I recently replied to a post and included a four letter word ( the place were the devil lives), nothing too objectionable. When I hit post the word was replaced with *****. Good for who ever programed this site to keep it "family friendly".

GP


----------



## Tag (Jun 11, 2014)

Thanks for sharing GP


----------



## Ibojoe (Mar 13, 2016)

One of the best things about this place.


----------



## Berkshire bred (Mar 4, 2012)

I had the same word edited, was a little surprised as I'm used to some pretty boisterous forums but this is a very laid back place and all the better for it.


----------



## Tag (Jun 11, 2014)

Definitely like the laid back feel.


----------



## AKA Forgotten (Jan 26, 2019)

Kind of like an old friendly pub, but the advice is correct and there's no beer


----------



## Hulla Baloo (Nov 25, 2017)




----------



## Grandpa Pete (May 2, 2013)

Hulla Baloo said:


>


CUTE!


----------



## Tag (Jun 11, 2014)

I like this post I will never forget what a great time the MWST was.

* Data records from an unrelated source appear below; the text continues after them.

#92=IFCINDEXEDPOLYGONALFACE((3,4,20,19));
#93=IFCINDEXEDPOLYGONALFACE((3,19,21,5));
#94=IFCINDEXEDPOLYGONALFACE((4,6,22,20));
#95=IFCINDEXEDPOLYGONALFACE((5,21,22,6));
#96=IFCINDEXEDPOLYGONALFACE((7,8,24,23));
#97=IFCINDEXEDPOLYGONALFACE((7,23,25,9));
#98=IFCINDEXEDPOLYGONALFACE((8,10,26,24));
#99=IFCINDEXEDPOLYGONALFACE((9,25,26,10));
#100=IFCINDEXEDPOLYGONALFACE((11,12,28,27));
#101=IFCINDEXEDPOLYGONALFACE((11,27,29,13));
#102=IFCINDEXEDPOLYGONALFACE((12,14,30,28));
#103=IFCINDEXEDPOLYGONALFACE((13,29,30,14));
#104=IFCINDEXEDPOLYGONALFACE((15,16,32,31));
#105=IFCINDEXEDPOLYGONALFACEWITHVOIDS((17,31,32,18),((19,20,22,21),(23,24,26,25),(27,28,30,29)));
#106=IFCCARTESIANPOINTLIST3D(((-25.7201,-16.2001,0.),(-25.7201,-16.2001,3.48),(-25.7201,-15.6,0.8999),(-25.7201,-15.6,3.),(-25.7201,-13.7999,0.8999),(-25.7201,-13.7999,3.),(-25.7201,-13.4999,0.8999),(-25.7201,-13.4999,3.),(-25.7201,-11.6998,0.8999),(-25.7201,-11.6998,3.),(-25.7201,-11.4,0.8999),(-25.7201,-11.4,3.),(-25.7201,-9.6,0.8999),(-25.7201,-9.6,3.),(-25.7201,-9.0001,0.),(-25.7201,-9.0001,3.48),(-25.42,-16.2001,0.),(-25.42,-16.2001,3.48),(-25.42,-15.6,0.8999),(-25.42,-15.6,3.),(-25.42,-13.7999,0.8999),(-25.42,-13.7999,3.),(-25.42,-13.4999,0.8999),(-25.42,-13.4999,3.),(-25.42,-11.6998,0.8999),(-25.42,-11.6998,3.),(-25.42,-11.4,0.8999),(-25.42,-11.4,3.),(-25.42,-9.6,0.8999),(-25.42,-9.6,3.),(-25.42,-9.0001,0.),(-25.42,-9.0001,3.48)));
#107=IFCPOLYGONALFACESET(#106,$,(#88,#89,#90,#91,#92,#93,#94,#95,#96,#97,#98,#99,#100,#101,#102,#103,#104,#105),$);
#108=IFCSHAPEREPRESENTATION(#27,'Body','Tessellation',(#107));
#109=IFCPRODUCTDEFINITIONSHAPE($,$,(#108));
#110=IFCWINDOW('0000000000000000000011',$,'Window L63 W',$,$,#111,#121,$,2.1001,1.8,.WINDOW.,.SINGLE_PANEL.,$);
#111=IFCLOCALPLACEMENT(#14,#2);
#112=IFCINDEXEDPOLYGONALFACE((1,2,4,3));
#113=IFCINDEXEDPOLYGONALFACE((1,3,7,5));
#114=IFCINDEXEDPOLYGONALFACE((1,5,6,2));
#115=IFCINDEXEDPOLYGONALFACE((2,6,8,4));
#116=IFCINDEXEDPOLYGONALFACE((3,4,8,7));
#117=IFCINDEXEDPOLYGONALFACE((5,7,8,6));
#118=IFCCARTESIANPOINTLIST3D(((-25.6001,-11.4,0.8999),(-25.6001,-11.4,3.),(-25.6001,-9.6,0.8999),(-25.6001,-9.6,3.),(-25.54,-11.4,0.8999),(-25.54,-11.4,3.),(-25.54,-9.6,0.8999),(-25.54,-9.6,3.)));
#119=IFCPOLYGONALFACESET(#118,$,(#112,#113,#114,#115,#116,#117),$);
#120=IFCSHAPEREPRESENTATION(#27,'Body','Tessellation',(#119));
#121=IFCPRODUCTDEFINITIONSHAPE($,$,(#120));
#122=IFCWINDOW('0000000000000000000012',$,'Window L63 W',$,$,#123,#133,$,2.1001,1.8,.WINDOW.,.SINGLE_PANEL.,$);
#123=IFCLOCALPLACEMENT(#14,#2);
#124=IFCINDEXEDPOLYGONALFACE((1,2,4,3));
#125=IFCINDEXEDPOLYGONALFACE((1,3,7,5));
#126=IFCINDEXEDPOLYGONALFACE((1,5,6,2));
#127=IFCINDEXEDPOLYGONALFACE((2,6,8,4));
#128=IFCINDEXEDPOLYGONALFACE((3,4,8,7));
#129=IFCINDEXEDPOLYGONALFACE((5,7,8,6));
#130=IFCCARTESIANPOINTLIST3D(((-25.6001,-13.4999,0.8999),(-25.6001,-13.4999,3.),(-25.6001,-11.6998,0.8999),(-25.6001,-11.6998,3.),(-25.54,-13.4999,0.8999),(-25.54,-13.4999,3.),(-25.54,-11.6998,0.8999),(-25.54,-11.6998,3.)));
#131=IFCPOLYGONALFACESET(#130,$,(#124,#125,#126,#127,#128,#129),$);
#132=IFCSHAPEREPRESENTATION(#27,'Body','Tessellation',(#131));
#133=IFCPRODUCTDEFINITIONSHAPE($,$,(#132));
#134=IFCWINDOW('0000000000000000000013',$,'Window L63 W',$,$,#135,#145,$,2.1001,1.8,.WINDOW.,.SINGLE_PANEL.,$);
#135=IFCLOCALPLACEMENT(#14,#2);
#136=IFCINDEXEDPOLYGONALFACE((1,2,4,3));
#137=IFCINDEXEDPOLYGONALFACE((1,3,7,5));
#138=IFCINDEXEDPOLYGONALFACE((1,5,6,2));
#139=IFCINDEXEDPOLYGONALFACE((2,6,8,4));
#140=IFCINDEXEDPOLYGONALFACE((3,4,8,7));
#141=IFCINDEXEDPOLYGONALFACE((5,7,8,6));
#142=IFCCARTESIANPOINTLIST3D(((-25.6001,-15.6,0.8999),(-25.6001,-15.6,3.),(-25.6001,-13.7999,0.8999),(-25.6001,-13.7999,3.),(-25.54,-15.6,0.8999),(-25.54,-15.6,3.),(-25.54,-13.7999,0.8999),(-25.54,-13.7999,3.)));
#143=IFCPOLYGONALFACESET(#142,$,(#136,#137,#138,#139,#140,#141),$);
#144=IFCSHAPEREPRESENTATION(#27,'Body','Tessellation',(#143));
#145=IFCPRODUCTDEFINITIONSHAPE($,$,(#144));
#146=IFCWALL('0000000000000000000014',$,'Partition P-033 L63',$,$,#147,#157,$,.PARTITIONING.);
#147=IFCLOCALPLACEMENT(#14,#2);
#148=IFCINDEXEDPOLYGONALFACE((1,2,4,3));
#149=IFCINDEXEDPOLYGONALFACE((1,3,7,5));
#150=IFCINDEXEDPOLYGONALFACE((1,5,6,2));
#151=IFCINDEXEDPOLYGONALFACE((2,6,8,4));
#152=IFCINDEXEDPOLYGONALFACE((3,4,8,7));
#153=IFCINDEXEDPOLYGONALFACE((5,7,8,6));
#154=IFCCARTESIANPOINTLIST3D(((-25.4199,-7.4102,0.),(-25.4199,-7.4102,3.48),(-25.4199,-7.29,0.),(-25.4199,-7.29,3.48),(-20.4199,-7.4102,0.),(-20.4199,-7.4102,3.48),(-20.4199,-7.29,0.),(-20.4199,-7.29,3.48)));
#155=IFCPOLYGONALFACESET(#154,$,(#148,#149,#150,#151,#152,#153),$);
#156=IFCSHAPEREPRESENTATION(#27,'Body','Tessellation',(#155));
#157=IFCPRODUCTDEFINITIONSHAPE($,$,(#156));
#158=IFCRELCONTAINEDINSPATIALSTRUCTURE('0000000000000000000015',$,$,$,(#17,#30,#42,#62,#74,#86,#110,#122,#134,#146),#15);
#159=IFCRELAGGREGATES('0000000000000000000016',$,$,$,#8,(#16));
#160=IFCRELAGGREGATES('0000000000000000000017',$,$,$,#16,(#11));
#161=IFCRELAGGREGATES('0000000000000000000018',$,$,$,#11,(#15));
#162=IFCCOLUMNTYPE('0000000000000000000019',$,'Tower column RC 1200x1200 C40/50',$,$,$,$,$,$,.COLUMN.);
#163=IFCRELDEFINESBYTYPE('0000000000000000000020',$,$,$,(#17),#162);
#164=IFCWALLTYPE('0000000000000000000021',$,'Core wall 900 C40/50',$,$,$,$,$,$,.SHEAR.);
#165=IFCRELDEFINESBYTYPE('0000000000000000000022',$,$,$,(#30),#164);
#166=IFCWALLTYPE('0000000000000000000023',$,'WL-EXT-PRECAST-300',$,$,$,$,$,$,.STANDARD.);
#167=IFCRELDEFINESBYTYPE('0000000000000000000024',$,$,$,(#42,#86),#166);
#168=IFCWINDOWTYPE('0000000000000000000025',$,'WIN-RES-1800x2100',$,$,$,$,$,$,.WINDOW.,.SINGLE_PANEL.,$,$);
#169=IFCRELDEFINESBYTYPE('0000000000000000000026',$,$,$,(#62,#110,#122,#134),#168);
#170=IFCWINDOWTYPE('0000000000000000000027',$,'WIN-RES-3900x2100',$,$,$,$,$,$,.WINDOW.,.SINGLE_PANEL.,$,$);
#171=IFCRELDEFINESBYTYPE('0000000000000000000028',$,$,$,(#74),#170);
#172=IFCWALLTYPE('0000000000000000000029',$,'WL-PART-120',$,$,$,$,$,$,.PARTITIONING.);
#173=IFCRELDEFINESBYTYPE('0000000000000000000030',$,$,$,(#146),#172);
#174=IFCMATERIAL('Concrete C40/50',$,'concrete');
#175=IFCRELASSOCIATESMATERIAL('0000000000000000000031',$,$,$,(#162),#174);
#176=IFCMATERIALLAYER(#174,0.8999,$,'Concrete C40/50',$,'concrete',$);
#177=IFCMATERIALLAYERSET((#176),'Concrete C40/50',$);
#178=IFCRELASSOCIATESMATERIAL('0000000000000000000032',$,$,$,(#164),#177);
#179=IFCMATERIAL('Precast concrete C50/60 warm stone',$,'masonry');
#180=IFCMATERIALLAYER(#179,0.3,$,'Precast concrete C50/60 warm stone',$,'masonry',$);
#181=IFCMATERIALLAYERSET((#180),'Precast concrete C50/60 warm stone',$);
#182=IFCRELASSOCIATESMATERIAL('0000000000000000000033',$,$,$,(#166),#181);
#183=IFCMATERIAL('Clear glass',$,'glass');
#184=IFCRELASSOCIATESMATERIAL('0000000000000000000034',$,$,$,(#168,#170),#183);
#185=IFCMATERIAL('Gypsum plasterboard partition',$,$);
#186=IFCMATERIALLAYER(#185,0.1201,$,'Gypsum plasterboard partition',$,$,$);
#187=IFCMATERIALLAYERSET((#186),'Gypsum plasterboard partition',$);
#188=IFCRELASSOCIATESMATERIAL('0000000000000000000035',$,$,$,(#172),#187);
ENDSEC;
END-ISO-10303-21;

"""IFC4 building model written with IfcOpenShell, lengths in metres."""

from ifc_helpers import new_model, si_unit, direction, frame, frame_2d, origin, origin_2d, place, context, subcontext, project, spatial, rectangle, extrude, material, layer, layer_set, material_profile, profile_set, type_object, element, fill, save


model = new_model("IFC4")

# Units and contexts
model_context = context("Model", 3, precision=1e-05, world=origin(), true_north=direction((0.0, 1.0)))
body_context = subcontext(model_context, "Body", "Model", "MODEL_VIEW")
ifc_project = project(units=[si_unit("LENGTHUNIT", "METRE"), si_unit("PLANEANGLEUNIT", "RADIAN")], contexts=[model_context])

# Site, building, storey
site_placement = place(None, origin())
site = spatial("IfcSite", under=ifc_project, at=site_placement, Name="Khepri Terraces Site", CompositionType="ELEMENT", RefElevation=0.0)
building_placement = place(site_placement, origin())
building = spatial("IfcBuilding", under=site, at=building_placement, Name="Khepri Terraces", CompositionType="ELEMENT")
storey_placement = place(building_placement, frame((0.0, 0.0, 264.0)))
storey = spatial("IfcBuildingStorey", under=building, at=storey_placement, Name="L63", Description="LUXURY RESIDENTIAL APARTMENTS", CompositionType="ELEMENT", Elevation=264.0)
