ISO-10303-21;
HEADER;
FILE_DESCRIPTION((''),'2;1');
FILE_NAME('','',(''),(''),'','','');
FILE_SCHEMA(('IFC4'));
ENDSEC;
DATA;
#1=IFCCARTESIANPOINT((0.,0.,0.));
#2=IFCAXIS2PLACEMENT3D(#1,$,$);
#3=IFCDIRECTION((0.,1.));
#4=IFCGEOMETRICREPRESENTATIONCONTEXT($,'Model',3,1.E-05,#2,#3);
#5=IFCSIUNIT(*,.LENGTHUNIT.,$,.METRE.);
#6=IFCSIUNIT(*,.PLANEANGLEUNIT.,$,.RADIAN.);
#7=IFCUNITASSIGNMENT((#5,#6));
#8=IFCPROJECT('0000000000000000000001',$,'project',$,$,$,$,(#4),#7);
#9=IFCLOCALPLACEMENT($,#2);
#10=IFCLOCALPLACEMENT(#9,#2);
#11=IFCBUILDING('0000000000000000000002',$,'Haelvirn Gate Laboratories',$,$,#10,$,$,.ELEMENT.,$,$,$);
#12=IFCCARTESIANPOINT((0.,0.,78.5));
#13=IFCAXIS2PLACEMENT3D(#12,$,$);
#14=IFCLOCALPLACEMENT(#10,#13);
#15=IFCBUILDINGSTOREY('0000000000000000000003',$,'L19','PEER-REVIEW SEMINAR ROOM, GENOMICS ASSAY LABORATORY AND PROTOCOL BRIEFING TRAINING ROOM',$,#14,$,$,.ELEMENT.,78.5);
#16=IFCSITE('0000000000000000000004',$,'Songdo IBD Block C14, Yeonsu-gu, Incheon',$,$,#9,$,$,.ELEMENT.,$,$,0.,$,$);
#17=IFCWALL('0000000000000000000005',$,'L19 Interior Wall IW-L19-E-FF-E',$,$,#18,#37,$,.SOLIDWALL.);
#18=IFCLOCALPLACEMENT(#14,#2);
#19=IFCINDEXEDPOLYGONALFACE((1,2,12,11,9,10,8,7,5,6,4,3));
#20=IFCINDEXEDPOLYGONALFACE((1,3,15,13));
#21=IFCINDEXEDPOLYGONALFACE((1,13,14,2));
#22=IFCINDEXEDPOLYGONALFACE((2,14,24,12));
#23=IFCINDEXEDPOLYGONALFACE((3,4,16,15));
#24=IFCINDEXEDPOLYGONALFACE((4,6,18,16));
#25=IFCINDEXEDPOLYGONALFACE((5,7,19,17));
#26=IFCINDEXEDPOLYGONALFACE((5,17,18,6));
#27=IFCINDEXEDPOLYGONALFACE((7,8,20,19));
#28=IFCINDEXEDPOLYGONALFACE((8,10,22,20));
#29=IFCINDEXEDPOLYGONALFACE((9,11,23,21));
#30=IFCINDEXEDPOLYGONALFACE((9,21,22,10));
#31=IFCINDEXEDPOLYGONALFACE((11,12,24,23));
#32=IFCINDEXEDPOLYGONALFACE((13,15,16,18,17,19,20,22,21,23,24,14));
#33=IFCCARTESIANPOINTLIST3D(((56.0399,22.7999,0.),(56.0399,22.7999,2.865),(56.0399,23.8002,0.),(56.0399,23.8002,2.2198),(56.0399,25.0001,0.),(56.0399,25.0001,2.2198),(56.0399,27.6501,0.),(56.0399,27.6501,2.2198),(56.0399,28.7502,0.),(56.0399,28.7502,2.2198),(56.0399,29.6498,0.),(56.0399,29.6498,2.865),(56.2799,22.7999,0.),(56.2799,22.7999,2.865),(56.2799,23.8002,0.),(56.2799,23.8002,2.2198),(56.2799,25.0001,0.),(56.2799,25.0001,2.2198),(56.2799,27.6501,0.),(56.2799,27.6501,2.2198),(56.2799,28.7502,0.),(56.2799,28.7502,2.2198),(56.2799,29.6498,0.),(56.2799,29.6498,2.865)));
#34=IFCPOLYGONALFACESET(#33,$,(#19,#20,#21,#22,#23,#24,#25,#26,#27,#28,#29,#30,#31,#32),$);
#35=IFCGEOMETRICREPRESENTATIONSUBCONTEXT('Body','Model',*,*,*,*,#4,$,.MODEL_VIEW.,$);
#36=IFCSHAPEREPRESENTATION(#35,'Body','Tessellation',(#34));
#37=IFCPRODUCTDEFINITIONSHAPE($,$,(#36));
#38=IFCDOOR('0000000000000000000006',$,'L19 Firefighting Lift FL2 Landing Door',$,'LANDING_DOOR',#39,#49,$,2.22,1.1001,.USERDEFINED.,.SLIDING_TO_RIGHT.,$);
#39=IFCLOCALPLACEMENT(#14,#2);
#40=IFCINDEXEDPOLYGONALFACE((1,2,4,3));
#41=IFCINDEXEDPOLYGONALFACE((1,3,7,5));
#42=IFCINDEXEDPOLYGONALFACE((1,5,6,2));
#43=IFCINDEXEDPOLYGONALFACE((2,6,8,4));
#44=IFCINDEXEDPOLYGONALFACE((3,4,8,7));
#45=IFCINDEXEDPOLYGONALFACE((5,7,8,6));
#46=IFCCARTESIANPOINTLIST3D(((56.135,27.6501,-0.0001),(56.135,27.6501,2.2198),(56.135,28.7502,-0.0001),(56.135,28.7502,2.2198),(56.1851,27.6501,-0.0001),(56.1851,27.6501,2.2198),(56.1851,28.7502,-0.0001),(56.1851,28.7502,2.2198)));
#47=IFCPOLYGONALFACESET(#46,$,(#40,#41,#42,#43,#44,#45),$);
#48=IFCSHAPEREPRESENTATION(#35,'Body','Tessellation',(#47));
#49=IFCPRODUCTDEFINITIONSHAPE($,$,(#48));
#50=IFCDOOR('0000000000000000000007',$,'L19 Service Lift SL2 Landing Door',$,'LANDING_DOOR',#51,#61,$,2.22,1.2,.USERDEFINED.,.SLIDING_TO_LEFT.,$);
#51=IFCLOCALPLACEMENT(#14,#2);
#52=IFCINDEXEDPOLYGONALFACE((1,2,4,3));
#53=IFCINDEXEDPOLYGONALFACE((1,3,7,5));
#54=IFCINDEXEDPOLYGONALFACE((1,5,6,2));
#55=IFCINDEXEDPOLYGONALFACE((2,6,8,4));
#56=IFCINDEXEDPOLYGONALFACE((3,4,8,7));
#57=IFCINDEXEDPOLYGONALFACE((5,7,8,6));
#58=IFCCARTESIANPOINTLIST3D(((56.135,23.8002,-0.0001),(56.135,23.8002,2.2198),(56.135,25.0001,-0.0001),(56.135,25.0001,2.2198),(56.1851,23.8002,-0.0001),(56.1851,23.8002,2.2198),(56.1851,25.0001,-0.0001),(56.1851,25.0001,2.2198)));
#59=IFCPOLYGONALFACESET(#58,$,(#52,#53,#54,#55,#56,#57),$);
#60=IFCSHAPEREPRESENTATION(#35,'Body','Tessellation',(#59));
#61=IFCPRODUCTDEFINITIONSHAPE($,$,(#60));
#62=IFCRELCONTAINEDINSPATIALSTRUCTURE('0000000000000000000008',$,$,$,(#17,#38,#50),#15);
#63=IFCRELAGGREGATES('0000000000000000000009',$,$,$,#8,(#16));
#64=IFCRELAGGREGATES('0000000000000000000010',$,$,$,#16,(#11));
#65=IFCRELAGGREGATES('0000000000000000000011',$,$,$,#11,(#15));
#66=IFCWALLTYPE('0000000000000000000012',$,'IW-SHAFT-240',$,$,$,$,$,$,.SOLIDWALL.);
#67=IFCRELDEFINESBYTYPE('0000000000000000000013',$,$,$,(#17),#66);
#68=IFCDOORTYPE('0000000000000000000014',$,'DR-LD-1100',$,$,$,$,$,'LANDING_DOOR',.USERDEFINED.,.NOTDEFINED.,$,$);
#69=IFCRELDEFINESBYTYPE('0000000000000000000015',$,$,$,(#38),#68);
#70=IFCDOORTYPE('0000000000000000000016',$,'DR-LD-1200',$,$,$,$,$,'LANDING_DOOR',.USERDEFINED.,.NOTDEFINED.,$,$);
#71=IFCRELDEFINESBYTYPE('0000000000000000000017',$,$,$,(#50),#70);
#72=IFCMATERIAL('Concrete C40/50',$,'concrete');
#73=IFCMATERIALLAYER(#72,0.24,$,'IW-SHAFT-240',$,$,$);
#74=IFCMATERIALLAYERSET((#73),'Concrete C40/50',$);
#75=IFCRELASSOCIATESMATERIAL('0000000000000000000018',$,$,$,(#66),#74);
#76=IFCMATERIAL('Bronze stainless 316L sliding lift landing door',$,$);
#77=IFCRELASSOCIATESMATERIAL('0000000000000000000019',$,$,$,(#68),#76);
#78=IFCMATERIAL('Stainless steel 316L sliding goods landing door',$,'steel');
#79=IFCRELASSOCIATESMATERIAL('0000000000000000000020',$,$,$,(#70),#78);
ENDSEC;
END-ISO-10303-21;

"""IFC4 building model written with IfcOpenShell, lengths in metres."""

from ifc_helpers import new_model, si_unit, direction, frame, frame_2d, origin, place, context, subcontext, project, spatial, rectangle, extrude, source, transform, mapped, material, layer, layer_set, type_object, type_shapes, element, fill, save


model = new_model("IFC4")

# Units and contexts
model_context = context("Model", 3, precision=1e-05, world=origin(), true_north=direction((0.0, 1.0)))
body_context = subcontext(model_context, "Body", "Model", "MODEL_VIEW")
ifc_project = project(units=[si_unit("LENGTHUNIT", "METRE"), si_unit("PLANEANGLEUNIT", "RADIAN")], contexts=[model_context])

# Site, building, storey
site_placement = place(None, origin())
site = spatial("IfcSite", under=ifc_project, at=site_placement, Name="Songdo IBD Block C14, Yeonsu-gu, Incheon", CompositionType="ELEMENT", RefElevation=0.0)
building_placement = place(site_placement, origin())
building = spatial("IfcBuilding", under=site, at=building_placement, Name="Haelvirn Gate Laboratories", CompositionType="ELEMENT")
storey_placement = place(building_placement, frame((0.0, 0.0, 78.5)))
storey = spatial("IfcBuildingStorey", under=building, at=storey_placement, Name="L19", Description="PEER-REVIEW SEMINAR ROOM, GENOMICS ASSAY LABORATORY AND PROTOCOL BRIEFING TRAINING ROOM", CompositionType="ELEMENT", Elevation=78.5)

# Shared definitions
ifc_material_1 = material(Name="Concrete C40/50", Category="concrete")

# Wall, openings, doors
ifc_layer_1 = layer(ifc_material_1, 0.24, Name="IW-SHAFT-240")
ifc_layer_set_1 = layer_set([ifc_layer_1], Name="Concrete C40/50")
wall_type_1 = type_object("IfcWallType", Name="IW-SHAFT-240", PredefinedType="SOLIDWALL", material=ifc_layer_set_1)
wall_1_placement = place(storey_placement, frame((56.1599, 22.8, 0.0), z_axis=(0.0, 0.0, 1.0), x_axis=(0.0, 1.0, 0.0)))
wall_1 = element("IfcWall", 1, at=wall_1_placement, inside=storey, type_object=wall_type_1, Name="L19 Interior Wall IW-L19-E-FF-E", PredefinedType="SOLIDWALL", context=body_context, shape_type="SweptSolid", body=[
    extrude(rectangle(XDim=6.8499, YDim=0.24, at=frame_2d((3.4248, 0.0))), origin(), (0.0, 0.0, 1.0), 2.865),
])
opening_1_placement = place(wall_1_placement, frame((4.8501, 0.0, 0.0)))
opening_1 = element("IfcOpeningElement", 2, at=opening_1_placement, cuts=wall_1, PredefinedType="OPENING", context=body_context, shape_type="SweptSolid", body=[
    extrude(rectangle(XDim=1.1001, YDim=2.22, at=frame_2d((0.55, 1.1099))), frame((0.0, 0.1299, 0.0), z_axis=(0.0, -1.0, 0.0), x_axis=(1.0, 0.0, 0.0)), (0.0, 0.0, 1.0), 0.26),
])
opening_2_placement = place(wall_1_placement, frame((1.0, 0.0, 0.0)))
opening_2 = element("IfcOpeningElement", 3, at=opening_2_placement, cuts=wall_1, PredefinedType="OPENING", context=body_context, shape_type="SweptSolid", body=[
    extrude(rectangle(XDim=1.2, YDim=2.22, at=frame_2d((0.6001, 1.1099))), frame((0.0, 0.1299, 0.0), z_axis=(0.0, -1.0, 0.0), x_axis=(1.0, 0.0, 0.0)), (0.0, 0.0, 1.0), 0.26),
])
ifc_material_2 = material(Name="Bronze stainless 316L sliding lift landing door")
door_type_1 = type_object("IfcDoorType", Name="DR-LD-1100", ElementType="LANDING_DOOR", OperationType="NOTDEFINED", PredefinedType="USERDEFINED", material=ifc_material_2)
shared_shape_1 = source(origin(), body_context, "Body", "SweptSolid", [
    extrude(rectangle(XDim=1.1001, YDim=2.22, at=frame_2d((0.55, 1.1099))), frame((0.0, 0.0249, 0.0), z_axis=(0.0, -1.0, 0.0), x_axis=(1.0, 0.0, 0.0)), (0.0, 0.0, 1.0), 0.05),
])
type_shapes(door_type_1, [shared_shape_1])
door_1_placement = place(opening_1_placement, origin())
door_1 = element("IfcDoor", 4, at=door_1_placement, inside=storey, type_object=door_type_1, Name="L19 Firefighting Lift FL2 Landing Door", ObjectType="LANDING_DOOR", OperationType="SLIDING_TO_RIGHT", OverallHeight=2.22, OverallWidth=1.1001, PredefinedType="USERDEFINED", context=body_context, shape_type="MappedRepresentation", body=[
    mapped(shared_shape_1, transform((0.0, 0.0, 0.0), scale=1.0)),
])
fill(opening_1, door_1)
ifc_material_3 = material(Name="Stainless steel 316L sliding goods landing door", Category="steel")
door_type_2 = type_object("IfcDoorType", Name="DR-LD-1200", ElementType="LANDING_DOOR", OperationType="NOTDEFINED", PredefinedType="USERDEFINED", material=ifc_material_3)
shared_shape_2 = source(origin(), body_context, "Body", "SweptSolid", [
    extrude(rectangle(XDim=1.2, YDim=2.22, at=frame_2d((0.6001, 1.1099))), frame((0.0, 0.0249, 0.0), z_axis=(0.0, -1.0, 0.0), x_axis=(1.0, 0.0, 0.0)), (0.0, 0.0, 1.0), 0.05),
])
type_shapes(door_type_2, [shared_shape_2])
door_2_placement = place(opening_2_placement, origin())
door_2 = element("IfcDoor", 5, at=door_2_placement, inside=storey, type_object=door_type_2, Name="L19 Service Lift SL2 Landing Door", ObjectType="LANDING_DOOR", OperationType="SLIDING_TO_LEFT", OverallHeight=2.22, OverallWidth=1.2, PredefinedType="USERDEFINED", context=body_context, shape_type="MappedRepresentation", body=[
    mapped(shared_shape_2, transform((0.0, 0.0, 0.0), scale=1.0)),
])
fill(opening_2, door_2)

save(model, "model.ifc")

It was a very family oriented gathering, the respect and sportsmanship was amazing. If whoever wants this sport to grow I’d say they will need, family, respect. Friends and fantastic vendors like the ones we have on this Forum. This sport needs young people if it is to survive, and I know I don’t want my nieces and nephews around #$*%@ language. Now if it’s just a bunch of us guys sitting around, game on


----------



## SLINGDUDE (Aug 15, 2018)

AKA Forgotten said:


> Kind of like an old friendly pub, but the advice is correct and there's no beer


I've got beer...


----------



## AKA Forgotten (Jan 26, 2019)

SLINGDUDE said:


> AKA Forgotten said:
> 
> 
> > Kind of like an old friendly pub, but the advice is correct and there's no beer
> ...


????????


----------



## JonM (Aug 17, 2013)

The hell you say. I never noticed until now :alky:


----------